You could transplant this house to a town and you’d never know. Now holiday homes are different, they are full of art, sea-shells, mis-matched furniture, rustic tables. We don’t have one of those. The neighbours have those. The neighbours….
We have a house at the beach, and it’s a harrowing experience to live though a week here. We used to be able to do 10-14 days, now we get to about 4 days and start getting a twitch. We’ve not had any days at the beach house when they are not here, we call as say “are you going to beach this weekend” they invariably reply “if you are we will”, it’s maddening, frustrating and difficult to broach.
Age will turn you into a prisoner. A prisoner of routine. Every day you have to do the same things. Up at 7am, washing in washing machine at 7:30am, go get newspaper at 7:45am. Cereals at 8 a.m. Washing the dishes is an immediate task, heaven help us if they are left for more than 10 minutes.
Then it’s 9 a.m. so possibly mowing the lawn, picking fruit from the tree, spraying some weeds. 10 a.m. tea of course. 10:30 is mid morning siesta, because they’ve worn themselves out.
More washing at 11:00 am, they wash clean things to maintain schedule I’m sure of it. Random vacuuming and brushing time till lunch, when we have a selection of mulled over left overs and a cup of warm water.
Hourly switch on the radio at 30 seconds to the hour for the news bulletin, the log range weather for everywhere, then off. No music allowed, and don’t change the channel, ever.
Discussion about what the neighbours are up to, who’s at the beach, who’s not, why, if we don’t know why make a guess. Read the death notices to see which friends might have had the temerity to die when they’re at the beach and not in town. It happens.
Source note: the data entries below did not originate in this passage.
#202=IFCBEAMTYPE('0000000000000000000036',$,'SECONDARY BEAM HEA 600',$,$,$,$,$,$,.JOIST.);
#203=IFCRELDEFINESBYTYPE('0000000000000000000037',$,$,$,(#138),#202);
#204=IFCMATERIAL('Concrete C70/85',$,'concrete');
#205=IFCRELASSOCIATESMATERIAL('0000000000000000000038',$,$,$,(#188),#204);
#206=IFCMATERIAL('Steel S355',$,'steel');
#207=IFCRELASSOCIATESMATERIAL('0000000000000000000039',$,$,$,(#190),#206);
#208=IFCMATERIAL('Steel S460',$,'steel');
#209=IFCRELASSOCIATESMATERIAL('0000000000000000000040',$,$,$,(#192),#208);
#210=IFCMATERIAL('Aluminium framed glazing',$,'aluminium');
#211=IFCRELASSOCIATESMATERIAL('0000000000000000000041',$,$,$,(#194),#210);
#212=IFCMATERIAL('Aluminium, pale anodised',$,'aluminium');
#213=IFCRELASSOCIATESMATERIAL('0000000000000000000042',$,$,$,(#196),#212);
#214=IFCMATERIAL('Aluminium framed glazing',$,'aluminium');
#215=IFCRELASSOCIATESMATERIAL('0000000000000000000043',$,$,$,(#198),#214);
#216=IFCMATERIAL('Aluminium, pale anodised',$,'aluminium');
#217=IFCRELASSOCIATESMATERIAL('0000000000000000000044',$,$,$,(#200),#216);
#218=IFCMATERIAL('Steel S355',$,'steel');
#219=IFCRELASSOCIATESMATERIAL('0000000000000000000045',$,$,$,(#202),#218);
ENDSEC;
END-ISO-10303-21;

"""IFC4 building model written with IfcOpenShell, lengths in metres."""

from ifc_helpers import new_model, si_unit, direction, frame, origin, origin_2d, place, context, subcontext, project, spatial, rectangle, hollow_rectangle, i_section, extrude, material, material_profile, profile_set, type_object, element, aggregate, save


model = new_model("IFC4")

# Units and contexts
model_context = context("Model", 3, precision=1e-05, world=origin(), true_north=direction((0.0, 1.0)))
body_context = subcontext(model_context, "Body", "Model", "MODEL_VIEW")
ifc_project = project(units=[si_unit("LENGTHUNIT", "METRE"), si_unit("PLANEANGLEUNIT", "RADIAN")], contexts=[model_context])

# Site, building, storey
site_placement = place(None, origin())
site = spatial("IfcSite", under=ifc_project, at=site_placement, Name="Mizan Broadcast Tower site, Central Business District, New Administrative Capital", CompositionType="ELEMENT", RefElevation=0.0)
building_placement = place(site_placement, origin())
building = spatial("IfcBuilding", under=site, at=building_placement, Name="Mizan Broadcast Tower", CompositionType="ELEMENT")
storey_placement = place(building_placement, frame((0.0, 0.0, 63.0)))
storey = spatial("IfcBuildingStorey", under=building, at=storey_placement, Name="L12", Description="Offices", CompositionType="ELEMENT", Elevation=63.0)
Gin o’clock, wine o’clock begins as the 6pm news is on the TV. Pre-dinner dishes, of course, washing dishes not cheese and cracker dishes.
Dinner must be before 7 pm. Fretting ensues if it’s going to be later.
Entertain everyone by reading the teletext updates (A service soon to be discontinued).
Read book, coughing randomly until 9pm when it’s bedtime.
Days when the gentleman’s fishing club is in session, make an agreed time “how about around 7am” where “about” means up at 6:30 to prepare, leave at 7 am, no later, no sooner. Fishing line can only be in the water 1 hour. No longer, no shorter. 1 hour. Today I was suckered in with “whatever time” which meant of course 7:45am knocking on the door “are you ready yet” We didn’t go fishing.
We didn’t go fishing because on a 800 meter beach someone had launched a gentleman’s fishing rig into the sea before us, and fretting and panic ensued about them being too close together. Serious fretting, muttering and followed by deep investigation of the mans credentials, home address, and a lecture about “how I do it…”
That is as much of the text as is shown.